PROTEIN EXPERIMENTS

Protein Structure Experiments

Protein Structure Experiments

The Structure of Proteins

Before proceeding to a discussion of proteomics, it is necessary to elaborate on the major issues related to proteins that we have already started to discuss in Chapter 1. Proteins consist of amino acids. The side chains (radicals), amino acids are hydrocarbon chains, which sometimes forms a cyclic structure. Amino acids contain an amino group (-NH2) and carboxyl (-COOH). Amino acids form polymers, connecting with each other through a specific connection, called peptide bonds. The peptide bond is formed with the participation of the amino group of one amino acid and the carboxyl group of another amino acid (Brendan & Tooze, 1999, pp. 231).
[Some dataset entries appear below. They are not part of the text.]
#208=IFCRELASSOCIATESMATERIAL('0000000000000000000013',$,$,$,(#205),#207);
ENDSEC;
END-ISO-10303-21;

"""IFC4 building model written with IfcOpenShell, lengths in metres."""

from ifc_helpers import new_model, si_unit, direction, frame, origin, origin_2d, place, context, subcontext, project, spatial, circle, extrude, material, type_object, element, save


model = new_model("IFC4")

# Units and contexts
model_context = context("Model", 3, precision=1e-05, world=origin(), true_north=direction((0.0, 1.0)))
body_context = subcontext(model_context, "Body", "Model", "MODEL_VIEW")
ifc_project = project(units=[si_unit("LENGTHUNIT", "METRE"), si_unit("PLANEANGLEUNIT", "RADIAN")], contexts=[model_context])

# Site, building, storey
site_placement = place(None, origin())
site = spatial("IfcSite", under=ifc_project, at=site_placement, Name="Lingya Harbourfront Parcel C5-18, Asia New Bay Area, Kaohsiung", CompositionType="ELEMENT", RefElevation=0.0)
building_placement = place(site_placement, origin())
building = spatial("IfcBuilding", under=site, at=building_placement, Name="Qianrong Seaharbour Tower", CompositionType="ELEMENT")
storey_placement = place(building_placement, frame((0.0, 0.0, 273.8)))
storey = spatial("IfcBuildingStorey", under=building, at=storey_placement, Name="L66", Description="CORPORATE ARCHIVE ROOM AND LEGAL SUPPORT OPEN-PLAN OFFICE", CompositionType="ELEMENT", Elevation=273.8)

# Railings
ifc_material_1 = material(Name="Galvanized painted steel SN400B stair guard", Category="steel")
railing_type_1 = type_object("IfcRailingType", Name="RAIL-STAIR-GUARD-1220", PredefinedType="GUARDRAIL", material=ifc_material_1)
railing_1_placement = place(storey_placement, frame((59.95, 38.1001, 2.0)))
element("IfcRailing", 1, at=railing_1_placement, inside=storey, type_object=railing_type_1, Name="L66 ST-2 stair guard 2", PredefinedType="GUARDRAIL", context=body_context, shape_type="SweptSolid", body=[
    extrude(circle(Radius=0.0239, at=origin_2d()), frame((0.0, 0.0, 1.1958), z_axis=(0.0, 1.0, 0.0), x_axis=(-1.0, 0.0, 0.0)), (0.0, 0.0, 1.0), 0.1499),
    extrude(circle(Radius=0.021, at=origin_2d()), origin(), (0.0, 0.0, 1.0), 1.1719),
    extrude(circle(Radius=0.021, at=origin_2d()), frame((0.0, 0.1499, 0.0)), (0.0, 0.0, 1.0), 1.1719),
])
Determination of the primary structure of proteins is reduced to finding the order of the amino acids in the polypeptide chain. This problem is solved using the method of sequencing. Properly sequenced at its current level to determine the amino acid sequence and polypeptides whose size does not exceed a few tens of amino acid residues. At the same time studied polypeptide fragments much shorter than those of natural proteins, which have to deal with. Therefore, you must pre-cut source of the polypeptide into short fragments. After sequencing of fragments obtained by their need to re-make of the original sequence.

Thus the definition of the primary sequence of the protein is reduced to the following basic steps:

The splitting of the protein into several fragments in length, available for sequencing.

Sequencing of each of the resulting fragments.

Build a complete protein structure from the established structures of its fragments.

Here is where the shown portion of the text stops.